赤字であったとしても潤沢な資金があれば仕入れ代金も支払えます。給与など各種経費にも対応できるわけです。

倒産はキャッシュが不足することによって起こる、ということを大前提として頭に入れておきましょう。

・売掛金の額が増えるとキャッシュフローはマイナス!

ちょっと頭を使わなければ理解できないと思いますが、非常に重要なところです。
売掛金ですが仮に増えているという場合は、キャッシュフローはマイナスになります。

なぜマイナスになるとかというと、売掛金の額が増えているということは回収が遅れていたり回収自体ができていなかったり、といった状況になっていると考えられるからです。前期の売掛金の額が1,000万円で、今期の売掛金の額が1,500万円であればキャッシュフローは500万円のマイナス、と判断できるのです。

本来であれば500万円回収できているはずのものができていない、ということになるからです。

上記した考え方は非常に大切です。特に黒字倒産には深く関わってくるので、しっかりとチェックしておかなければなりません。

キャッシュフローを見ながら売掛金の回収活動に力を入れるべきなのです。売掛金の額の増減に注目して、明らかに増えているのであれば、どこかに問題があるはずです。売掛金の回収活動に力が入っていないのかもしれません。どこか貸し倒れが発生しそうな売掛先があるかもしれないのです。

・特に売掛金額が急に増えた場合には注意しよう

急激な売上の増加は黒字倒産を招きやすい、といった特徴があります。
そもそも急激な売上の増加にはコストがかかってきてしまうわけです。仕入れ費用もかさんでしまいますし、販売するための宣伝広告費もかなりのものになるでしょう。さらに人件費なども増大しているかもしれません。
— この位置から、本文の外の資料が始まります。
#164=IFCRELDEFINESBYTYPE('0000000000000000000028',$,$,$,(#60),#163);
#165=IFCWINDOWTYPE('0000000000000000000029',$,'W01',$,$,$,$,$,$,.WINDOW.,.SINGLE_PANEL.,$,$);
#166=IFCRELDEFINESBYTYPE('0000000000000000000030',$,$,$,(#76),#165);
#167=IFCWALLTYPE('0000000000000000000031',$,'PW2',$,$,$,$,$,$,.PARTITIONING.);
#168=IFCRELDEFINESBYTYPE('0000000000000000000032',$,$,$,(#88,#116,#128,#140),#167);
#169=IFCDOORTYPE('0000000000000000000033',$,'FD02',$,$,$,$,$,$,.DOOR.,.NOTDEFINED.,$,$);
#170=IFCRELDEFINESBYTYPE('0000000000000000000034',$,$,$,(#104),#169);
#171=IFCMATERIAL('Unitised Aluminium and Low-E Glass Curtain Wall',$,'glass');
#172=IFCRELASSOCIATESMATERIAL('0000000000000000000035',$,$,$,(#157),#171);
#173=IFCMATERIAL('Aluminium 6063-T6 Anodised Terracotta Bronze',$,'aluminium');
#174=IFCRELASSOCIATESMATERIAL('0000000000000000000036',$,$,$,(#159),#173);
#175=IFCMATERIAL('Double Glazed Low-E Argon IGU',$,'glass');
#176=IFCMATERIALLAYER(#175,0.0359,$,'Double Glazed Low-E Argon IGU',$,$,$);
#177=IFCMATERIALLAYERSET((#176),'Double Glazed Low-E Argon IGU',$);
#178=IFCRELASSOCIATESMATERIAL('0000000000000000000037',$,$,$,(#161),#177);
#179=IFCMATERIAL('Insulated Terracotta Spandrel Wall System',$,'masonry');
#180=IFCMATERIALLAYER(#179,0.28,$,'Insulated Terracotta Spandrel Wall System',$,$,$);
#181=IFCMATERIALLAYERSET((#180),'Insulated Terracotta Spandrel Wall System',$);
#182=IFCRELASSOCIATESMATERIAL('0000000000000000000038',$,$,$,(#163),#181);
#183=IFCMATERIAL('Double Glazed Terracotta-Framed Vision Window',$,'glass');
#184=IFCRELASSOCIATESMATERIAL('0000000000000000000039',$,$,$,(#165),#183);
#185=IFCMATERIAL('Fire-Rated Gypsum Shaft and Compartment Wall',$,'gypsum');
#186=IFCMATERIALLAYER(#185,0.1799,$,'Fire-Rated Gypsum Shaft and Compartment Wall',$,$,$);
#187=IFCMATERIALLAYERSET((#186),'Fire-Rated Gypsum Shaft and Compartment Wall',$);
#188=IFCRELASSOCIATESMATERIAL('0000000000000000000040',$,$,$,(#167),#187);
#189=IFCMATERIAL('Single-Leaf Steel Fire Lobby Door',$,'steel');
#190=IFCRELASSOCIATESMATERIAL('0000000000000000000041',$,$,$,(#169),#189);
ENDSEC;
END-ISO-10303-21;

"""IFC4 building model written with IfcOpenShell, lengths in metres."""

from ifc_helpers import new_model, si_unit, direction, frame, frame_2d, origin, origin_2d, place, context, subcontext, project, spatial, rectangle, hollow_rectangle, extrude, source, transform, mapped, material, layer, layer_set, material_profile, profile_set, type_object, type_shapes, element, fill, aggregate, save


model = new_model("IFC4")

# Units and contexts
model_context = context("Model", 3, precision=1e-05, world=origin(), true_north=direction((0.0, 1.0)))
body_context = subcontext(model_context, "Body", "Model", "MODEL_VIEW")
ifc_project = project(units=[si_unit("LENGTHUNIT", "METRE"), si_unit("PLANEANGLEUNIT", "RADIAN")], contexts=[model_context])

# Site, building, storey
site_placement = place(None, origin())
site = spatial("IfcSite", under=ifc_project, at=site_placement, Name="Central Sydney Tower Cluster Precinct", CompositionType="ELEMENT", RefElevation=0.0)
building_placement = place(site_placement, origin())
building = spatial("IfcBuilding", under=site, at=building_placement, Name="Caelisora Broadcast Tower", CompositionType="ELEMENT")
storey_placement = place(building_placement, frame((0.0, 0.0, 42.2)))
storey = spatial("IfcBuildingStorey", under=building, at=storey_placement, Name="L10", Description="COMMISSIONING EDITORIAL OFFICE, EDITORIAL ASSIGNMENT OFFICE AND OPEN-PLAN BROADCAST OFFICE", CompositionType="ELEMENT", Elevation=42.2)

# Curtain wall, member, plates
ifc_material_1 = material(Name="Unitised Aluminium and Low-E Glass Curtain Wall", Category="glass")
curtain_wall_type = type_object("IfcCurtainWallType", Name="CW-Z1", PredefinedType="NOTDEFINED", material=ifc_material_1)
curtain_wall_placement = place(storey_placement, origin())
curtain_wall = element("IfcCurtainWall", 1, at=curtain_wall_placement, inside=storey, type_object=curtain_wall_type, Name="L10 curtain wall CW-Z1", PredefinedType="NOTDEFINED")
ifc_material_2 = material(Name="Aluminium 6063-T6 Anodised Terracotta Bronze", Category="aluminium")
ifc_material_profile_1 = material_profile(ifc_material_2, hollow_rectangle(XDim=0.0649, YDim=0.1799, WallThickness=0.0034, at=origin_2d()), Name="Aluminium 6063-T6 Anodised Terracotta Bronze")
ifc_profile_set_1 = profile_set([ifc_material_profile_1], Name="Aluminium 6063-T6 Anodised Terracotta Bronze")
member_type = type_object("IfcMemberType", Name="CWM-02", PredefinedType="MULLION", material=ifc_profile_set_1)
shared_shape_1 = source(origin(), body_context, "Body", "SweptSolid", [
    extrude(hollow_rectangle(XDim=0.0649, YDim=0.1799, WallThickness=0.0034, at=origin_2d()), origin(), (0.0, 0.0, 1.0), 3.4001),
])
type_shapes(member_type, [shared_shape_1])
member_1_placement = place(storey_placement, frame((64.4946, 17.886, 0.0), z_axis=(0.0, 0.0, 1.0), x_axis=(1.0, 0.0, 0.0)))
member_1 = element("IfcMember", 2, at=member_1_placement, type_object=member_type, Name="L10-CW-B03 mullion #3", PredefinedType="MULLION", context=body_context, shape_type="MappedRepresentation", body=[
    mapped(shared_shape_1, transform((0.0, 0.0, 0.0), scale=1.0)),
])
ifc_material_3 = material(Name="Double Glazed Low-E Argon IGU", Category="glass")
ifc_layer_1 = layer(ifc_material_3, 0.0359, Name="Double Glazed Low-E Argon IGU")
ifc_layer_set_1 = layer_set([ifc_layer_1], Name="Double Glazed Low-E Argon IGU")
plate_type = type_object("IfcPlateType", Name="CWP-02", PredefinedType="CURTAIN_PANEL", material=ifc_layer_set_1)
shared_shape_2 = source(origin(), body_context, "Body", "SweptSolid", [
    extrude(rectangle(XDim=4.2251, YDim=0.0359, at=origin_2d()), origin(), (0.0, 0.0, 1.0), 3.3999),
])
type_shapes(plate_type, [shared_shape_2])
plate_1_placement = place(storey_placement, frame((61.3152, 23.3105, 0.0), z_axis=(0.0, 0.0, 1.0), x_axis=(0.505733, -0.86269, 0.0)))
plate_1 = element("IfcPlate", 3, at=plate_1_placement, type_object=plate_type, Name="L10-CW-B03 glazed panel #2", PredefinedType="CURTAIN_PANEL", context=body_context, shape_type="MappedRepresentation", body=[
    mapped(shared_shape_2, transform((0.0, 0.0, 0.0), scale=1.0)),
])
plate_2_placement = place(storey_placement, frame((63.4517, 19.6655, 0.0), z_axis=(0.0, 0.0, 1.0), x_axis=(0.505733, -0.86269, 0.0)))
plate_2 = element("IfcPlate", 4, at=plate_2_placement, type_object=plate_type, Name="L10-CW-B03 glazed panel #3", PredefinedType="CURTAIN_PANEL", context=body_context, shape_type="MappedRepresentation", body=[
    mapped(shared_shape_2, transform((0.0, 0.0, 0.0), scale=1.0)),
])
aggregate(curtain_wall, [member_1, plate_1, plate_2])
実は売るためのコストに関しては売上の回収よりも先になる、ということがほとんどなのです。だからこそ売掛金が急激に増えるような売上好調のときこそ黒字倒産の可能性が高まります。

調子が良いと思っていると痛い目にあってしまうかもしれません。

売掛金が増えてきたらどうすればよいのか?

・ファクタリングを利用する

ファクタリングは売掛金の売却を指しています。
売掛金を譲渡することで資金を得るわけです。

ファクタリングを利用すると、手数料が発生します。1%から30%ほど売掛金額から差し引かれてしまいますが、結果としては早めに入金されることになるわけです。資金難が目前に迫っている、といったときなどに対応できるタイプの方法となるわけです。

ちなみに手数料率は取引方法によっても大きく異なります。3社間ファクタリングのほうが有利な手数料率に設定されているのです。2社間ファクタリングに関しては手数料率が高く設定されているので気をつけましょう。

・買掛金の支払いを遅らせる

要は出金サイトを再検討するのです。

売掛金が増えているということは入金に遅れが出ている、ということになります。そこで出金も遅らせます。出金も遅らせられれば会社に一定の資金をとどめおくことも可能です。